Oh and from a quick play this afternoon, it can run GATE! (For those who don't know GATE is how I earn my living).

A Non-Conformant Head

UPDATE 21st April: It would appear that the snippet of misformed HTML is no longer being included in our blogs! The information doesn't seem to be included in any other fashion so I'm assuming it will be back once Blogger have decided how they are going to do it properly.

I've been messing about with Blogger templates over the last few days and I've spotted that Blogger seem to have broken the HTML of every blog they host! They have added an invalid element within the head section of each page which causes the premature closing of the head section. Depending on what scripts etc. you use in your template this may cause a problem.

The new code that Blogger have added to our templates is aimed at adding extra metadata to each page, which in turn will enable Google to have more information about each page within a blog when they are included in a search result. They are using the schema.org metadata format to achieve this. Specifically each page of this blog now contains the following in the head section:
<itemscopetag itemscope='itemscope' itemtype='http://schema.org/Blog'>
   <meta content='Code from an English Coffee Drinker' itemprop='name'/>
As you can probably gather, this snippet essentially tags the page as being from a blog whose title is "Code from an English Coffee Drinker". From the full Blog schema you can see that there is actually a whole set of properties that Google could set for each blog, and I'm guessing that at some point in the future they will add more information, which in turn will enrich their search result pages. Now I'm all for adding extra metadata (I've even written a GATE application that runs ANNIE over webpages and then embeds appropriate schema.org metadata), but unfortunately Blogger have messed up their implementation.
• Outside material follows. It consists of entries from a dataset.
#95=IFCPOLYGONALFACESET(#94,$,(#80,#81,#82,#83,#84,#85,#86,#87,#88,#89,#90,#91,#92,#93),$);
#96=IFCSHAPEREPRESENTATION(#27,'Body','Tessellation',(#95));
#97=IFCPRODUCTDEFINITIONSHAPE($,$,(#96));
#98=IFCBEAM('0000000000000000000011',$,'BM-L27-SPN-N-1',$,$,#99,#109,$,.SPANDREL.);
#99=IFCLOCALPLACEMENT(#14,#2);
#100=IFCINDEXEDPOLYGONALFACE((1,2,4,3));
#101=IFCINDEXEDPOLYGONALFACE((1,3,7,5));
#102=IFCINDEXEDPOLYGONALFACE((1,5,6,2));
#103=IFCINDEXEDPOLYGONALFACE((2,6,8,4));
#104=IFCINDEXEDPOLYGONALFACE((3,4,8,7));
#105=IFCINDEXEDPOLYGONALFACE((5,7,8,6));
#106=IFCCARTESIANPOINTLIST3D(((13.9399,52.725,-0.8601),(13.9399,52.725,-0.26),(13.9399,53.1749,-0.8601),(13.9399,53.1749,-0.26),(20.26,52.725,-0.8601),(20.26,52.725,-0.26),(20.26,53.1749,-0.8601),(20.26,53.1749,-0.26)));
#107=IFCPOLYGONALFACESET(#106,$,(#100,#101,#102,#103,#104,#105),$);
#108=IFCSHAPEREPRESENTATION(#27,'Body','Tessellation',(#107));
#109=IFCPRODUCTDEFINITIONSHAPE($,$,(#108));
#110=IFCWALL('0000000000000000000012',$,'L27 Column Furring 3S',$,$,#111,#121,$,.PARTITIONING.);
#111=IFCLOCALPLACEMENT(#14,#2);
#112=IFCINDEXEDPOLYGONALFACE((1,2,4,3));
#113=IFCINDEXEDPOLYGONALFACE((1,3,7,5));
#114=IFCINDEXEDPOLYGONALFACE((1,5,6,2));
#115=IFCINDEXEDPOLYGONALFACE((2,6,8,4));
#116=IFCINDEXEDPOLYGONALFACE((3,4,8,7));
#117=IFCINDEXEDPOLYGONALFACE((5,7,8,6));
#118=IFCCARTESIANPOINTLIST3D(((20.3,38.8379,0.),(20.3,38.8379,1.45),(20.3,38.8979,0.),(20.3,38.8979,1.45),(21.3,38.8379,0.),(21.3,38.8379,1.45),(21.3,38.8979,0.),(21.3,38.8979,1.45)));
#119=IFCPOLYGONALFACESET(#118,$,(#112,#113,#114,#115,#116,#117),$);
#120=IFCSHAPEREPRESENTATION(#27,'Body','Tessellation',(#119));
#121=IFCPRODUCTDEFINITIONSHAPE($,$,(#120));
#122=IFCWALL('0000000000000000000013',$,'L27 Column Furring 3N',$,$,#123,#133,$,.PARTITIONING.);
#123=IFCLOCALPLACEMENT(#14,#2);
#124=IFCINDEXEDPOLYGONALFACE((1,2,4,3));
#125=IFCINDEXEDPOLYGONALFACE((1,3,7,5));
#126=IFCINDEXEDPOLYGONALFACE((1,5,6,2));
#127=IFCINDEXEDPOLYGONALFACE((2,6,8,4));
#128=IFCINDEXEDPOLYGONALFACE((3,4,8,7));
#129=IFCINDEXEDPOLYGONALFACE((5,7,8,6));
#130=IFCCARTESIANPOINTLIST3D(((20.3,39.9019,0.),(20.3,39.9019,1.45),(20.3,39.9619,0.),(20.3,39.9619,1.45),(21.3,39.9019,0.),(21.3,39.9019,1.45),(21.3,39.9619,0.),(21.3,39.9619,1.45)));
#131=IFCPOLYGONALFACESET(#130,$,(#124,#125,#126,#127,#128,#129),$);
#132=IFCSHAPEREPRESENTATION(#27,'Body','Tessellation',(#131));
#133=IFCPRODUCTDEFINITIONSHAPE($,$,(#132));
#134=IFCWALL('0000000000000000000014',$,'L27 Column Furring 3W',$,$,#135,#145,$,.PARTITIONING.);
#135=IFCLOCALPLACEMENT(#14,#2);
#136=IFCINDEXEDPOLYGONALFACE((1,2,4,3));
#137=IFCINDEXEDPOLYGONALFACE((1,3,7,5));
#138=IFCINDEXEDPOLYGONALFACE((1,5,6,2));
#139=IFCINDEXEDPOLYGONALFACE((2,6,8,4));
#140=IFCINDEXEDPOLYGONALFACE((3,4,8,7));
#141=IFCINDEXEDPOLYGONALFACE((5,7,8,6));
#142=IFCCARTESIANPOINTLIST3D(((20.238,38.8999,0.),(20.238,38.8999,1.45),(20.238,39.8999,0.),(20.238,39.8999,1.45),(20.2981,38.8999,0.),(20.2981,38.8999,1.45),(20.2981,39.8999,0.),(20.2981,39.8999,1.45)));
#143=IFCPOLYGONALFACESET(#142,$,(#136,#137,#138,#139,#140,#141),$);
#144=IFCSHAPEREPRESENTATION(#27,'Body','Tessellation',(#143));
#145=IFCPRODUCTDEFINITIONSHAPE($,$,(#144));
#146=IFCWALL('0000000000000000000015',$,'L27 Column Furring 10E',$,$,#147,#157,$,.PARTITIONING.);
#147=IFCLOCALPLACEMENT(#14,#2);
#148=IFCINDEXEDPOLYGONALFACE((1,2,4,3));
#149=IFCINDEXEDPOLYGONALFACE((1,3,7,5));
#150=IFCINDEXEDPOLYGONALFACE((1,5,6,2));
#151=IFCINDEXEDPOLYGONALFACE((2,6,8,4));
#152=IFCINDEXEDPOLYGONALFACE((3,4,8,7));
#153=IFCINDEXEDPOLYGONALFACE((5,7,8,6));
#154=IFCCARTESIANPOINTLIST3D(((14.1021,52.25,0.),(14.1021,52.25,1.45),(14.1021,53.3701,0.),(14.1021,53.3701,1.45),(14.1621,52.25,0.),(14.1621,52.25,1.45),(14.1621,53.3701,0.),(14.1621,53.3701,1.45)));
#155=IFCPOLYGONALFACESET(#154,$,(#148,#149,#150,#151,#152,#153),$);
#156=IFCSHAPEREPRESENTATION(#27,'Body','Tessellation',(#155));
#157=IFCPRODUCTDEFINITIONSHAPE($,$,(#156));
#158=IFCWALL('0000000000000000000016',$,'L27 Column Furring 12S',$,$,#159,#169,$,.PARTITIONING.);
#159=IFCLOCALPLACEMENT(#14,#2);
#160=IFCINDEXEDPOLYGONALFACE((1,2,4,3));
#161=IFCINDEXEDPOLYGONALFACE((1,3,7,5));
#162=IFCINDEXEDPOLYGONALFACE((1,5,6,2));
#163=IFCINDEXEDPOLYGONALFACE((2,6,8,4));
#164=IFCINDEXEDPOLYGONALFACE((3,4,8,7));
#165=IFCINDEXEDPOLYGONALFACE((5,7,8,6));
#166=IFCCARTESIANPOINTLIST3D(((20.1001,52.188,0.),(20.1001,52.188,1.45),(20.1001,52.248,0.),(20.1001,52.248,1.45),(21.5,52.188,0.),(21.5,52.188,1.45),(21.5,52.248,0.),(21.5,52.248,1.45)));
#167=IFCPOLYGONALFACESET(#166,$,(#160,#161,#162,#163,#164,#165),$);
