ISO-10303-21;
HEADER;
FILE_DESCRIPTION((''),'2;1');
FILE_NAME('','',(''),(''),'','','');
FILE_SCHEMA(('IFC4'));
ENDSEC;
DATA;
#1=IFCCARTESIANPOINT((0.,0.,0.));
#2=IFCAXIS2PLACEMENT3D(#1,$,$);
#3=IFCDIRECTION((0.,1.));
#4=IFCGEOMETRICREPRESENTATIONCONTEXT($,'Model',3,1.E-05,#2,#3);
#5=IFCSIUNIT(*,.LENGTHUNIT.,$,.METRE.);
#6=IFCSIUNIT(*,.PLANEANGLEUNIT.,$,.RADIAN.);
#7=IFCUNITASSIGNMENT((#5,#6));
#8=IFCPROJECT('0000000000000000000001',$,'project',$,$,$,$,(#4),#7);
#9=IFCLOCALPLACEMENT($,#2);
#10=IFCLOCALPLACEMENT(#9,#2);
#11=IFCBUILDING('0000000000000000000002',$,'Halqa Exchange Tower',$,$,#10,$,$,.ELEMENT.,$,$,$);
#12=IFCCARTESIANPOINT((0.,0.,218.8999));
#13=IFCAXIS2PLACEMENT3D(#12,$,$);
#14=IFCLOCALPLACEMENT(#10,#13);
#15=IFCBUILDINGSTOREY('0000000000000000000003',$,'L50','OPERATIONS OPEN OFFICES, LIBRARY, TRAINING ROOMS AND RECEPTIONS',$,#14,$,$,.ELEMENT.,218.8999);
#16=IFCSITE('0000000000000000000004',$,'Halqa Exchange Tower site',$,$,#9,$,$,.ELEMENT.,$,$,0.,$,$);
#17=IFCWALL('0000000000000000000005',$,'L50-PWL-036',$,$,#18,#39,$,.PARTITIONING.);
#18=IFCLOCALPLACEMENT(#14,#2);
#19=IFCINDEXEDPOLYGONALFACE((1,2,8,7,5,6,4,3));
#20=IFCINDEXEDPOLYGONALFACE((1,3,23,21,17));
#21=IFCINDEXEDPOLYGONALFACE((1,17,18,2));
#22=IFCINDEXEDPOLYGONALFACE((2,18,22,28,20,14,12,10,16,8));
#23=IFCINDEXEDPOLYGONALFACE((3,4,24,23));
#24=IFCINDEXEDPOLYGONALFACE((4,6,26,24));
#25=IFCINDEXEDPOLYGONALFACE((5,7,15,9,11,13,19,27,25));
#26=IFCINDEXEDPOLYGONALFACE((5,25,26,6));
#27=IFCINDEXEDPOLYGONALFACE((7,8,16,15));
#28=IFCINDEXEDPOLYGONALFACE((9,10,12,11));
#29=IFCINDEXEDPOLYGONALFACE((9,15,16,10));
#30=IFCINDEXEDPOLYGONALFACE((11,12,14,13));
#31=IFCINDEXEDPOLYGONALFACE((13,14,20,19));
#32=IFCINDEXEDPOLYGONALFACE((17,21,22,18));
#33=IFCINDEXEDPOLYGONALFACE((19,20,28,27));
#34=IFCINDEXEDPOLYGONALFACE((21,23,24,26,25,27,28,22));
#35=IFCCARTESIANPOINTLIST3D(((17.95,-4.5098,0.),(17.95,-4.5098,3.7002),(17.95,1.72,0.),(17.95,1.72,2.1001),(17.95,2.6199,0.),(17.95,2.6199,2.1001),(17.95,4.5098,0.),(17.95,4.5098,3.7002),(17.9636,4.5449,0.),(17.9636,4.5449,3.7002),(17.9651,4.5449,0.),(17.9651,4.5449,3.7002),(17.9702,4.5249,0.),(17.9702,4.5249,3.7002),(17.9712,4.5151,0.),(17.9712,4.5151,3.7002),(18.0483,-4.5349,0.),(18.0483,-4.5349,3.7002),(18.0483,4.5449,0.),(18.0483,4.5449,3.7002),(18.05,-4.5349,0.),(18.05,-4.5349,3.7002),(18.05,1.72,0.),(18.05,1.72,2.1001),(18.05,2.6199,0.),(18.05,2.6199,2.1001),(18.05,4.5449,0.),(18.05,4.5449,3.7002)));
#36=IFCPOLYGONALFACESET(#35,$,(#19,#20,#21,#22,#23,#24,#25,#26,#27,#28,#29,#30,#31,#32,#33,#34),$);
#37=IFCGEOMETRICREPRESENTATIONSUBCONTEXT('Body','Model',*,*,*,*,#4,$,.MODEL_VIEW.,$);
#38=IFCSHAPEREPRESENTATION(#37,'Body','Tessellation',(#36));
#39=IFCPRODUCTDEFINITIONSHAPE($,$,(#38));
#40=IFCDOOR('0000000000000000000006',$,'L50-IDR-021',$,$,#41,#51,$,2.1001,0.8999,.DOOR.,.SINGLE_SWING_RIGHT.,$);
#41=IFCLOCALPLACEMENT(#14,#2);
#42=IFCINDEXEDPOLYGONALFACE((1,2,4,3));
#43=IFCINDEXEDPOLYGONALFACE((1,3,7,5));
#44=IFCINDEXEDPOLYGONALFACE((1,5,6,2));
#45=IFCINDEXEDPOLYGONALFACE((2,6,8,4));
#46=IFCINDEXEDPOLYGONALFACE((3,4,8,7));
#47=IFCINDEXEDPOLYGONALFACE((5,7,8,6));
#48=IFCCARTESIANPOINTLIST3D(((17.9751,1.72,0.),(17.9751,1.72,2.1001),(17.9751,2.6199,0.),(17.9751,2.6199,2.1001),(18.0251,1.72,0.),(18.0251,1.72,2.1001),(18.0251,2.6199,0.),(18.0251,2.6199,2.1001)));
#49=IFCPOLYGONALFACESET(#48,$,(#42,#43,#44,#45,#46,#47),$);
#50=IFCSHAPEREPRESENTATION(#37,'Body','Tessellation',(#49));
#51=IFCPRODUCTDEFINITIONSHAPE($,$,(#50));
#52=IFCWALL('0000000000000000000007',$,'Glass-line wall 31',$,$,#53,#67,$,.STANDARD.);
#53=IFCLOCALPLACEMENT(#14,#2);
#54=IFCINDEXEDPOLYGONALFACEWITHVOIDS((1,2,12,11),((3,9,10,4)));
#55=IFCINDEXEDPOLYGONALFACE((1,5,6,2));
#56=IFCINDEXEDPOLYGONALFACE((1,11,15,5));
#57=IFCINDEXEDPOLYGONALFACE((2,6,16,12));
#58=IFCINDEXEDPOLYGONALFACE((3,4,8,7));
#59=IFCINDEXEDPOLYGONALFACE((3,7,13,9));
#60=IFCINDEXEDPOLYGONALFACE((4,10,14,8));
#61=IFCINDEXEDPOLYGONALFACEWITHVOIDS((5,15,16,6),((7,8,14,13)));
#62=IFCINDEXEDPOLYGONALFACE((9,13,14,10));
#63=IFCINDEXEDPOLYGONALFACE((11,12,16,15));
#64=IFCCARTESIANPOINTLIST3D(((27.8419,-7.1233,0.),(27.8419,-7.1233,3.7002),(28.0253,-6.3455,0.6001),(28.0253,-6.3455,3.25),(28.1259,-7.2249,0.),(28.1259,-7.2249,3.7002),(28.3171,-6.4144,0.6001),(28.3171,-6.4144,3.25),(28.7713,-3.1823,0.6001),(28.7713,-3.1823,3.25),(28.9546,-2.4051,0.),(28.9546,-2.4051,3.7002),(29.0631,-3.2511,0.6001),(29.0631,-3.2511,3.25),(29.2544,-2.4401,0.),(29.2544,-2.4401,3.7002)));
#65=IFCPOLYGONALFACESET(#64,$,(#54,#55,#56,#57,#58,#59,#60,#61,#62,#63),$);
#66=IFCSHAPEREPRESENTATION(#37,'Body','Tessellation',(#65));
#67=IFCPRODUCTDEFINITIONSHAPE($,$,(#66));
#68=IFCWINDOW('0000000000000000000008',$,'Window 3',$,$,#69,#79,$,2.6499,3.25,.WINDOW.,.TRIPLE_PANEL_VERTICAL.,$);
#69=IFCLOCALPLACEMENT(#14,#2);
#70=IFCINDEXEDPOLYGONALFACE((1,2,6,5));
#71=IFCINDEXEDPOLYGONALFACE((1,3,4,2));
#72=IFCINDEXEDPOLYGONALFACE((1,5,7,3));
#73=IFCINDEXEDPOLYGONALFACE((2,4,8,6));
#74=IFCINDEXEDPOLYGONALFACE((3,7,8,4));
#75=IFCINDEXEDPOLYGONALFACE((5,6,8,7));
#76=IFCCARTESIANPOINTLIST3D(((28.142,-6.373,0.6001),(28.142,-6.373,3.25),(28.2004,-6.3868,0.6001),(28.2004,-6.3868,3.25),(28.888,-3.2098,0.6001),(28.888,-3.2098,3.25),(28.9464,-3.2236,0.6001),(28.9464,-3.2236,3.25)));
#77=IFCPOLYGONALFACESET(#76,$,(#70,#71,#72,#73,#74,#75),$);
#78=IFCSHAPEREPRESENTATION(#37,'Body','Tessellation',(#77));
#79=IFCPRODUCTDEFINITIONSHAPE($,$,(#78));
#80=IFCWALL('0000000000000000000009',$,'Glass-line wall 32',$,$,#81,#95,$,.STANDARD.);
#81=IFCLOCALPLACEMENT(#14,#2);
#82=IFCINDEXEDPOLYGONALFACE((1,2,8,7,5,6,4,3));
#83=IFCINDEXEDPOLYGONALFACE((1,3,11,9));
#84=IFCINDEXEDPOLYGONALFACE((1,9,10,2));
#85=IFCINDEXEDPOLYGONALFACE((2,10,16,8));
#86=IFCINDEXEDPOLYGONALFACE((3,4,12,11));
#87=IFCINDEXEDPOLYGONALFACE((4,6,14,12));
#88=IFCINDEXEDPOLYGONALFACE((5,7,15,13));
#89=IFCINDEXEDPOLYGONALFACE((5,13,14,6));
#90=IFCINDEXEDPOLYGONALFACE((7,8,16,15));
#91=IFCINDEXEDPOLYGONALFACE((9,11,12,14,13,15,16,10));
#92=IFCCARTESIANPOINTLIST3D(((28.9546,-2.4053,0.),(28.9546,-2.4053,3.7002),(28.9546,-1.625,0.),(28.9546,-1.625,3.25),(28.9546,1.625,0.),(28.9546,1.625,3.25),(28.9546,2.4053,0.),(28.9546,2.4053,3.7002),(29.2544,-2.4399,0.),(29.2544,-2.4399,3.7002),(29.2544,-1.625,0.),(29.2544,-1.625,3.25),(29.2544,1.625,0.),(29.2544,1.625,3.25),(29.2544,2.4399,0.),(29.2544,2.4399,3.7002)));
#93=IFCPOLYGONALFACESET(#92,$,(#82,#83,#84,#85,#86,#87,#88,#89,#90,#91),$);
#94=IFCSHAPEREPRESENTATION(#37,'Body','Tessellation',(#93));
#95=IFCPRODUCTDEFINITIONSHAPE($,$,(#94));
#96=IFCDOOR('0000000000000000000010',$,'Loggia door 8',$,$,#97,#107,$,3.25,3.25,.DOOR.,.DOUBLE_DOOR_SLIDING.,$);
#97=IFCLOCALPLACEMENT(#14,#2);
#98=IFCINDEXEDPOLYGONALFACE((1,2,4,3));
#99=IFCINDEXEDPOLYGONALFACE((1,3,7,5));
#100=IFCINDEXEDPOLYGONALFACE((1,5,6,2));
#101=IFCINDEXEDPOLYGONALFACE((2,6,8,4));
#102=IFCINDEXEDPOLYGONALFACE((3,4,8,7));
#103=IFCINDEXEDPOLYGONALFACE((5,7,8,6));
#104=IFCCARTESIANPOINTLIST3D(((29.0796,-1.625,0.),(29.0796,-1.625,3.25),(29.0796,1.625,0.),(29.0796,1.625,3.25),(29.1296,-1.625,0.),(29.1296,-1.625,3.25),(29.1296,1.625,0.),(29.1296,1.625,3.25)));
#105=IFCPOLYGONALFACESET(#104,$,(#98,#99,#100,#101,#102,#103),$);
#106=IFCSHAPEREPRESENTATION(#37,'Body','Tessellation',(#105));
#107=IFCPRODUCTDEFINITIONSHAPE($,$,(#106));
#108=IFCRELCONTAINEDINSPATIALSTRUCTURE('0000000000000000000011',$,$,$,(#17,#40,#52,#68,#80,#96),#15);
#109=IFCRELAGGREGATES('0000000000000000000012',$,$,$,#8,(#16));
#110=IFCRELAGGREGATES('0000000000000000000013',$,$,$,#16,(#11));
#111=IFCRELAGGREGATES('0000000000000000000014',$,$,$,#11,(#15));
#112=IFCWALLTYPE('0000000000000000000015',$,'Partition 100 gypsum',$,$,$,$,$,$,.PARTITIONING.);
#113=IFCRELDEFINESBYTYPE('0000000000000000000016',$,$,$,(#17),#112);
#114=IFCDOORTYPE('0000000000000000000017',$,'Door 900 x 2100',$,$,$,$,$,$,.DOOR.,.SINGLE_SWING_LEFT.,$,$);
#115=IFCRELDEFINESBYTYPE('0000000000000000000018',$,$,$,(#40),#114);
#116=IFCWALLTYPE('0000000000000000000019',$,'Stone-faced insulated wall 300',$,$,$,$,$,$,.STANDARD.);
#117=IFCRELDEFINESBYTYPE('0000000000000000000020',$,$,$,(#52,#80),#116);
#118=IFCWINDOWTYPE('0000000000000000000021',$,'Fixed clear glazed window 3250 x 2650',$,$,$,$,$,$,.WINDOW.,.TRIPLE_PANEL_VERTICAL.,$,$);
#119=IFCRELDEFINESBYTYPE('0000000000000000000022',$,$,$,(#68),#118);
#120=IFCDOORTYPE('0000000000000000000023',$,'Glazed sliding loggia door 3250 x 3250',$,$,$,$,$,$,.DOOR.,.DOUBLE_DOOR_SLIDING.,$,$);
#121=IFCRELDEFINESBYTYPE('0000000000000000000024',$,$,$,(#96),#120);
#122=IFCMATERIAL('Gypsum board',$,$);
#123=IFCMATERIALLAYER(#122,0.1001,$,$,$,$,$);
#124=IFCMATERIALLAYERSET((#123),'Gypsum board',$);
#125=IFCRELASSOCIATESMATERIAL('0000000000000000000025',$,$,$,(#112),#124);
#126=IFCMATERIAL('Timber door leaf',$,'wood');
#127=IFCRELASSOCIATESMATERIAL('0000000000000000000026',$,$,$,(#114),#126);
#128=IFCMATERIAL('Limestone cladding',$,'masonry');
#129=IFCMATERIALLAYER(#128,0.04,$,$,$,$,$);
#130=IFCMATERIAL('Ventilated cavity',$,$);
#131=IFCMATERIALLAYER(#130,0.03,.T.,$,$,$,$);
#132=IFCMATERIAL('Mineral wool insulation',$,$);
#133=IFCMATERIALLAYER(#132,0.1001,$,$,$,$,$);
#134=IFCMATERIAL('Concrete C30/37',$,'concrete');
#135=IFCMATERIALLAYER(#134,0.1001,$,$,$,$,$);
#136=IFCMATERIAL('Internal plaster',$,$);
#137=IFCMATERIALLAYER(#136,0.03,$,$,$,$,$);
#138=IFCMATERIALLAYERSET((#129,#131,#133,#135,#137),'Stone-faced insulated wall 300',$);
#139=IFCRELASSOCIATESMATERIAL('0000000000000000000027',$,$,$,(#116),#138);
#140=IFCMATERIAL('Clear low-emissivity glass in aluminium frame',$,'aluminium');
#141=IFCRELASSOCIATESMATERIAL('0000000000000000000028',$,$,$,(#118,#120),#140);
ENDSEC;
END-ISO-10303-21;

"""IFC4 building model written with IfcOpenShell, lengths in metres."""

from ifc_helpers import new_model, si_unit, direction, frame, frame_2d, origin, place, context, subcontext, project, spatial, polyline, rectangle, outline, extrude, material, layer, layer_set, type_object, element, fill, save


model = new_model("IFC4")

# Units and contexts
model_context = context("Model", 3, precision=1e-05, world=origin(), true_north=direction((0.0, 1.0)))
body_context = subcontext(model_context, "Body", "Model", "MODEL_VIEW")
ifc_project = project(units=[si_unit("LENGTHUNIT", "METRE"), si_unit("PLANEANGLEUNIT", "RADIAN")], contexts=[model_context])

# Site, building, storey
site_placement = place(None, origin())
site = spatial("IfcSite", under=ifc_project, at=site_placement, Name="Halqa Exchange Tower site", CompositionType="ELEMENT", RefElevation=0.0)
building_placement = place(site_placement, origin())
building = spatial("IfcBuilding", under=site, at=building_placement, Name="Halqa Exchange Tower", CompositionType="ELEMENT")
storey_placement = place(building_placement, frame((0.0, 0.0, 218.8999)))
storey = spatial("IfcBuildingStorey", under=building, at=storey_placement, Name="L50", Description="OPERATIONS OPEN OFFICES, LIBRARY, TRAINING ROOMS AND RECEPTIONS", CompositionType="ELEMENT", Elevation=218.8999)

# Shared definitions
ifc_material_1 = material(Name="Gypsum board")
ifc_layer_1 = layer(ifc_material_1, 0.1001)
ifc_layer_set_1 = layer_set([ifc_layer_1], Name="Gypsum board")
wall_type_1 = type_object("IfcWallType", Name="Partition 100 gypsum", PredefinedType="PARTITIONING", material=ifc_layer_set_1)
The problem is that they have used an itemscopetag tag, which isn't valid in any version of the HTML specification. Also the specification tells us that if, when parsing the head section of a page we encounter an unknown tag "act as if an end tag token with the tag name "head" had been seen, and reprocess the current token". This essentially causes the premature closing of the head section, with anything else now part of the body instead. Depending on what has been forced out of head and into body and which browser you are using you may see different results. For example, it looks as if links to the Chrome Web Store are broken by this.

What Blogger should have done was added the information to the body tag or one of the main content div tags instead. For example, they could have started the body as follows:
<body itemscope='itemscope' itemtype='http://schema.org/Blog'>
   <meta content='Code from an English Coffee Drinker' itemprop='name'/>
This would have embedded exactly the same metadata but in a format conformant with the HTML specification, and which follows the instructions given on the schema.org site.

Unfortunately there doesn't appear to be anyway to remove this code from our blogs. The best we can do is to move the piece of template code that generates the invalid tag (as well as lots of other code) as late in the head section as possible, so that it pushes the least possible code into the body. To do this you need to edit the HTML version of your template and move the line:
<b:include data='blog' name='all-head-content'/>
To just before the closing head tag so it looks like:
   <b:include data='blog' name='all-head-content'/>
Hopefully Blogger will fix the code the generate soon but until then we just have to minimize the damage they inflict on our blogs any way we can.